On Tuesday, January 25, 2022, the greenback edges near its two-week high amid the Ukrainian crisis.
- Investors return to USD as fears of military conflict in Ukraine ignite.
- DXY is edging closer to its two-week highs.
- Investors also appeared hesitant to make large predictions ahead of the key FOMC meeting.
USD/JPY fundamental forecast
The dollar moved higher on Tuesday, closing in on its two-week high, as investors sought safe-haven assets amid hostilities between Russia and the West over Ukraine and as the Federal Reserve’s policy meeting concluded.
Strong DXY
The dollar index is trading at 96.12, up 0.26 % from its two-week high of 96.135 set on Monday.
So far, the safe-haven yen has shed 0.10 % against the US dollar, keeping within striking distance of one-month highs.
A positive rise in US Treasury bond rates functioned as a tailwind for the US dollar since the Fed is expected to tighten policy more quickly.
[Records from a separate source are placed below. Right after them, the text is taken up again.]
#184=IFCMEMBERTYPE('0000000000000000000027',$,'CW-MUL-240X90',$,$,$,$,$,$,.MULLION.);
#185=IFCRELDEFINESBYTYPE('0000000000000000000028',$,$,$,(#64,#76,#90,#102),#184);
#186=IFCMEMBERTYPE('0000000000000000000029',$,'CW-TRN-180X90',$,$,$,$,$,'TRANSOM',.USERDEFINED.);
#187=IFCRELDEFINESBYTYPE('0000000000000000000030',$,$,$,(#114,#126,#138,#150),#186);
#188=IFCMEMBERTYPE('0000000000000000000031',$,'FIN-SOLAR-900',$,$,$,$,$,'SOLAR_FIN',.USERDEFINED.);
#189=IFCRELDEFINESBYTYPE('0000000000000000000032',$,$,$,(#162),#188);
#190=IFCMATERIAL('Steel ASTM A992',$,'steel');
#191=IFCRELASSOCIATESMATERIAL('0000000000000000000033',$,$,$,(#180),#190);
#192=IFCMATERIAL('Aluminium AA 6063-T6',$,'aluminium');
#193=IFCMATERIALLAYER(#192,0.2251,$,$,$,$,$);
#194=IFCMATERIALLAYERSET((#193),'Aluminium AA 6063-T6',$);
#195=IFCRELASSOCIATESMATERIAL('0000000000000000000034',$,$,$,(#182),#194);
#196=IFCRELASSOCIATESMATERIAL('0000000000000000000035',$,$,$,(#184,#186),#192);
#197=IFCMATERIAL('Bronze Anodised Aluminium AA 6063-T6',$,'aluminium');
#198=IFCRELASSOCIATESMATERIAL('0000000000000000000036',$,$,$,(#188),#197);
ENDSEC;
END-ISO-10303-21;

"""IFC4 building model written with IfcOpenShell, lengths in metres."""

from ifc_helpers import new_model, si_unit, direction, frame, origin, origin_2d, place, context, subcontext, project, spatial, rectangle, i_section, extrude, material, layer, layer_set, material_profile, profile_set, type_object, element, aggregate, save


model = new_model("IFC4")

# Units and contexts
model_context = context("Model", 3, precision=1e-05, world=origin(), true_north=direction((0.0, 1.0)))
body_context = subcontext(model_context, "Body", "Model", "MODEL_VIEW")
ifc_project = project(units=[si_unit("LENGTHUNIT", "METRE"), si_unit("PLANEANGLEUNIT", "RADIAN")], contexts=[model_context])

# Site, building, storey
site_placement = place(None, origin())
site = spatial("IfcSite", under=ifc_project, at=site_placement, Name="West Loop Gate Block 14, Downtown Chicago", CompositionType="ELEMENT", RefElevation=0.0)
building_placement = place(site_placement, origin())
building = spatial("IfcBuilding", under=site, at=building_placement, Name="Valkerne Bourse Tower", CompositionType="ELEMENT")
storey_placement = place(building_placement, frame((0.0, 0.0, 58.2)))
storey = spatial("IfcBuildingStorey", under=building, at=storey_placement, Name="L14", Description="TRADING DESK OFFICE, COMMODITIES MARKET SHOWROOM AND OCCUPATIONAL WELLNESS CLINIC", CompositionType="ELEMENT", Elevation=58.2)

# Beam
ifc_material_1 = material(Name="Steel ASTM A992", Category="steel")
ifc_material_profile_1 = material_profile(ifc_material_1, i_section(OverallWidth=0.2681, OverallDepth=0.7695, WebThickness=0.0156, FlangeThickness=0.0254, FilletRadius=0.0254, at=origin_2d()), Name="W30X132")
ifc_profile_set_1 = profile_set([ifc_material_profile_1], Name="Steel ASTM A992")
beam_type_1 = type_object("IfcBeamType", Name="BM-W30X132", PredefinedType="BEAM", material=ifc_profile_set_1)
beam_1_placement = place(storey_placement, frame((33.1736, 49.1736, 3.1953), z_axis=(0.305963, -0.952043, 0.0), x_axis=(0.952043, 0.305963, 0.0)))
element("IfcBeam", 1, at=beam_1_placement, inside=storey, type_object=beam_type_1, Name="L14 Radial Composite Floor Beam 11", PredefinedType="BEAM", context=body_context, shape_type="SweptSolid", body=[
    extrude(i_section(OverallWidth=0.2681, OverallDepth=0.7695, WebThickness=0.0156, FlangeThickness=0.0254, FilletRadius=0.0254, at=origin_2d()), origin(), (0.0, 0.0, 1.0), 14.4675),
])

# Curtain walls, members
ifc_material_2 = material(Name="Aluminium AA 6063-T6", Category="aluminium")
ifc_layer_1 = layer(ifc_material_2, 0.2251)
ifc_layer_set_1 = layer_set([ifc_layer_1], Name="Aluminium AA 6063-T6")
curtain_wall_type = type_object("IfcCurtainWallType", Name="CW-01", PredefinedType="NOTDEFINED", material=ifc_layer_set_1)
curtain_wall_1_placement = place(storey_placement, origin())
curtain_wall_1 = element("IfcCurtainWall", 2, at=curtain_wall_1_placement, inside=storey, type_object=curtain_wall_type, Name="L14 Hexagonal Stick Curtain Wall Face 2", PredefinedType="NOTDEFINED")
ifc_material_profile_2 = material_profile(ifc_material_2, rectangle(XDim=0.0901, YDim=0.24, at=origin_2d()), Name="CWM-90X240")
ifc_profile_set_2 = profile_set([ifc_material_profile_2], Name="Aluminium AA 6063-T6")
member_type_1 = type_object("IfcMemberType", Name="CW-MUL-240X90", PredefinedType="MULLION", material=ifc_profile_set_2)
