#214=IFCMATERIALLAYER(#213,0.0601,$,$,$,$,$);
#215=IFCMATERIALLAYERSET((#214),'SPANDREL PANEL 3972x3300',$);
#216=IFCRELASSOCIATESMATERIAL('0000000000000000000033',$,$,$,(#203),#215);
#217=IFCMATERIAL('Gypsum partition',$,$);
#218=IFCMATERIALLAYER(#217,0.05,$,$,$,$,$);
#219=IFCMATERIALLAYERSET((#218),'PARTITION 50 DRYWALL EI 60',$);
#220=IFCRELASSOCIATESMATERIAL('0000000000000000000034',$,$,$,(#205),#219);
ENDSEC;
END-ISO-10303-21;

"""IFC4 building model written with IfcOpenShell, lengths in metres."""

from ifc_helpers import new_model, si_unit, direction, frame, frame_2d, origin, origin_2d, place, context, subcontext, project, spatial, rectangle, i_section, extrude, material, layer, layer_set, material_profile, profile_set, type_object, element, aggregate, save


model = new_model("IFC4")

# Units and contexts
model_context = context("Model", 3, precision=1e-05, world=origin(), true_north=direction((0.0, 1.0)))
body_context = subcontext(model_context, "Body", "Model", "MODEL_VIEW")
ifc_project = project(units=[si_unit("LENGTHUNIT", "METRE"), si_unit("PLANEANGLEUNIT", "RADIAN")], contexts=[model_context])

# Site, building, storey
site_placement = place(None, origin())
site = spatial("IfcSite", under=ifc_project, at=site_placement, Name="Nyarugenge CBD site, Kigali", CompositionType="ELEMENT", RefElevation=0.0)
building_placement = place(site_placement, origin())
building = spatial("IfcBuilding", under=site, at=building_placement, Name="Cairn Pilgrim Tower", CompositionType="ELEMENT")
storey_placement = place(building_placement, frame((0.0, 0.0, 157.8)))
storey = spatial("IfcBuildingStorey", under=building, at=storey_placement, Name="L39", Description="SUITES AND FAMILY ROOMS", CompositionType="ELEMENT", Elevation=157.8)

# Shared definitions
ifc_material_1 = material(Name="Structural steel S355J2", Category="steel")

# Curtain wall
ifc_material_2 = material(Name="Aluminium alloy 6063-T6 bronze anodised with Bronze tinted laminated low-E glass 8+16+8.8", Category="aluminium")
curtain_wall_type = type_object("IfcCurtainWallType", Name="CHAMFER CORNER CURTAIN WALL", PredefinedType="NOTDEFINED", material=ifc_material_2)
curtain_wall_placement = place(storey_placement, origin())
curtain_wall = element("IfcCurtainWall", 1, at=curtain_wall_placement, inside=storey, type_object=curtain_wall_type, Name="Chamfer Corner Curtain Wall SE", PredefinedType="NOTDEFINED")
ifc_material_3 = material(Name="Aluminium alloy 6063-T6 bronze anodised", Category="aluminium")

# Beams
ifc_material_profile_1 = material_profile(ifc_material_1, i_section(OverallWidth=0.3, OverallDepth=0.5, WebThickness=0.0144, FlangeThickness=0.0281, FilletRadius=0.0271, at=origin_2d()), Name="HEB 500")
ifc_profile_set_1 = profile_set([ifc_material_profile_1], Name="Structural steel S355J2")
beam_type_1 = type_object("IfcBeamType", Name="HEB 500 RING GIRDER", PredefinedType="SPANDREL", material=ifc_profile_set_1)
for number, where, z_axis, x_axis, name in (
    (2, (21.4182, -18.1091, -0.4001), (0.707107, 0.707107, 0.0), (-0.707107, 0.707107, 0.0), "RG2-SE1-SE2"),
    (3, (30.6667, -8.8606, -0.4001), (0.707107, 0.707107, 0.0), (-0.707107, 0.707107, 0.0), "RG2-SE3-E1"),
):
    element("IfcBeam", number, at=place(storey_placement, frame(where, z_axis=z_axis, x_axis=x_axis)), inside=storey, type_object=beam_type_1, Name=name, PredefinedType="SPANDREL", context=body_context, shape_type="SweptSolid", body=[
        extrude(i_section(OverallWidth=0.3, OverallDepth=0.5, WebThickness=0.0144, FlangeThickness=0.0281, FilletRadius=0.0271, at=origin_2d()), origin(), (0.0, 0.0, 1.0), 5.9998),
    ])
This, in turn, was considered as a crucial driver in the USD/JPY pair’s slight uptick.
Ukrainian crises
In the latest move to reassure apprehensive NATO partners in the face of a Russian military buildup in Ukraine, the US military placed some 8,500 troops on standby to deploy to Europe if required.
Rising geopolitical uncertainty over Ukraine, as well as fears that rising borrowing prices might affect company earnings outlooks, continued to weigh on investors’ enthusiasm. This was reflected in a generally negative tone in the equity markets.
Fed’s tightening policy
The Fed is slated to announce its decision on Wednesday, which should give new information on when the Fed will begin its policy tightening cycle. This will immediately impact USD price dynamics and offer a new directional push to the USD/JPY pair.
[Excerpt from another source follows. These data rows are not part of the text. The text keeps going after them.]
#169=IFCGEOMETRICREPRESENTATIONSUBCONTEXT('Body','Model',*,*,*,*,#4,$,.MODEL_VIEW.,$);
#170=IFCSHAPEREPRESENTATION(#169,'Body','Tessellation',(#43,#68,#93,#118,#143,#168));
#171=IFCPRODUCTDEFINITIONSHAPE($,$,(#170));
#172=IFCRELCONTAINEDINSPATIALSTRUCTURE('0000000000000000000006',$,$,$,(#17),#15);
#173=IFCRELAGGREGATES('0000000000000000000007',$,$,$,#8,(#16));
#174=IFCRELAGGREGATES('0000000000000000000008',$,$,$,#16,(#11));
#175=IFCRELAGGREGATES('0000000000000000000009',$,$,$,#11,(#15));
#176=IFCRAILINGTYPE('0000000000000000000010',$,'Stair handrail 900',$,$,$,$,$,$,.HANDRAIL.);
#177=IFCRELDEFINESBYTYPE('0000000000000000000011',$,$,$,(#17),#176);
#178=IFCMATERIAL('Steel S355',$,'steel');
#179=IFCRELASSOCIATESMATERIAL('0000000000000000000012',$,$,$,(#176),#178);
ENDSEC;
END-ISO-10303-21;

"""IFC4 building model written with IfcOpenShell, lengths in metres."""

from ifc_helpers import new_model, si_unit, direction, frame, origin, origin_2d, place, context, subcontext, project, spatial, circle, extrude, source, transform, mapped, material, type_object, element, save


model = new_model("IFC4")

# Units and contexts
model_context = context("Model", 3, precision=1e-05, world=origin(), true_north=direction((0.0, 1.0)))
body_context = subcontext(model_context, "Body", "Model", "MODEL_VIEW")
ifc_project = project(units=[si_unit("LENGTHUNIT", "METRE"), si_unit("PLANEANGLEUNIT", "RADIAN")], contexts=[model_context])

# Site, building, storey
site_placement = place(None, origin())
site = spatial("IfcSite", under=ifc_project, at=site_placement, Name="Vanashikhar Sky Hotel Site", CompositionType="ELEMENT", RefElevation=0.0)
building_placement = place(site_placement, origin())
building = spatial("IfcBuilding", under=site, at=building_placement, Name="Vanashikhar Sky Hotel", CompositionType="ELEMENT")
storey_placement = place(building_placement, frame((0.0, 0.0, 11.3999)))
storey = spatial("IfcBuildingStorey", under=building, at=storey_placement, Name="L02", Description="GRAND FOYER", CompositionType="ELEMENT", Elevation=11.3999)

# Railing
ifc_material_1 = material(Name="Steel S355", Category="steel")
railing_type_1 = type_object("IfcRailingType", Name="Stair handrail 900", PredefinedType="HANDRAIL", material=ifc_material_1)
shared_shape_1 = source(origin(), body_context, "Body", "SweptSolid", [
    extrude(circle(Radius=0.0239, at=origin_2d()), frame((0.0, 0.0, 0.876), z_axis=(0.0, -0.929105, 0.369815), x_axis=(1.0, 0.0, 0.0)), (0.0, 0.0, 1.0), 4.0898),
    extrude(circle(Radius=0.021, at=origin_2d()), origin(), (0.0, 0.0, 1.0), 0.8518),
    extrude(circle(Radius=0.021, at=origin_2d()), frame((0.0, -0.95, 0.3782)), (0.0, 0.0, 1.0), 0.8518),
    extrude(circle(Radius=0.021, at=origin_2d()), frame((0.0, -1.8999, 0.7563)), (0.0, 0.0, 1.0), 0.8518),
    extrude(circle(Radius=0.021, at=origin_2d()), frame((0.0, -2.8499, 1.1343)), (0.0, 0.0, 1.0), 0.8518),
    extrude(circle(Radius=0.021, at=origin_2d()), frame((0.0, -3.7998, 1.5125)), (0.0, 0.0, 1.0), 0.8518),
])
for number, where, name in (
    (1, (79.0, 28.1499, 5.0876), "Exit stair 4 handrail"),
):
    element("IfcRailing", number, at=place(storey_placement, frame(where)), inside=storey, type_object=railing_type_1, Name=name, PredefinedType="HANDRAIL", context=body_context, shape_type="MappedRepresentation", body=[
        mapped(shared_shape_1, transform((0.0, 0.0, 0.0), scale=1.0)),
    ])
Key data Releases from the US
On the calendar front, we have Consumer Confidence and Richmond Manufacturing Index. Tomorrow we have the all-important Fed’s decision, which can strongly impact USD/JPY.
Key data Releases from the JP
We have BOJ Summary of Opinions from Japan today. Earlier today, we had BOJ’s Core CPI.
What’s next?
Traders will be watching for the publication of the Conference Board’s US Consumer Confidence Index, which is scheduled for later in the early North American session. This, together with US bond rates, will drive USD demand.
Aside from that, the wider market risk sentiment may generate some short-term trading opportunities in the USD/JPY pair.
USD/JPY technical analysis: key levels in action
USD/JPY gained 0.10% during the European session and trading 114.102. USD/JPY is slightly above the 100-day moving average on the daily chart, but the MACD is pointing downwards. The pair is looking to pass its December 22nd high.
The pair is now seeking to maintain its position above 114.00. This point is a pivot point for the pair. If it goes below this level, it can go towards the next support at 113.98; it’s yesterday’s low.
On the upside, the pair’s resistance is at 114.27. If the pair can break above this level, the next resistance lies at 114.54, the level it reached on November 19.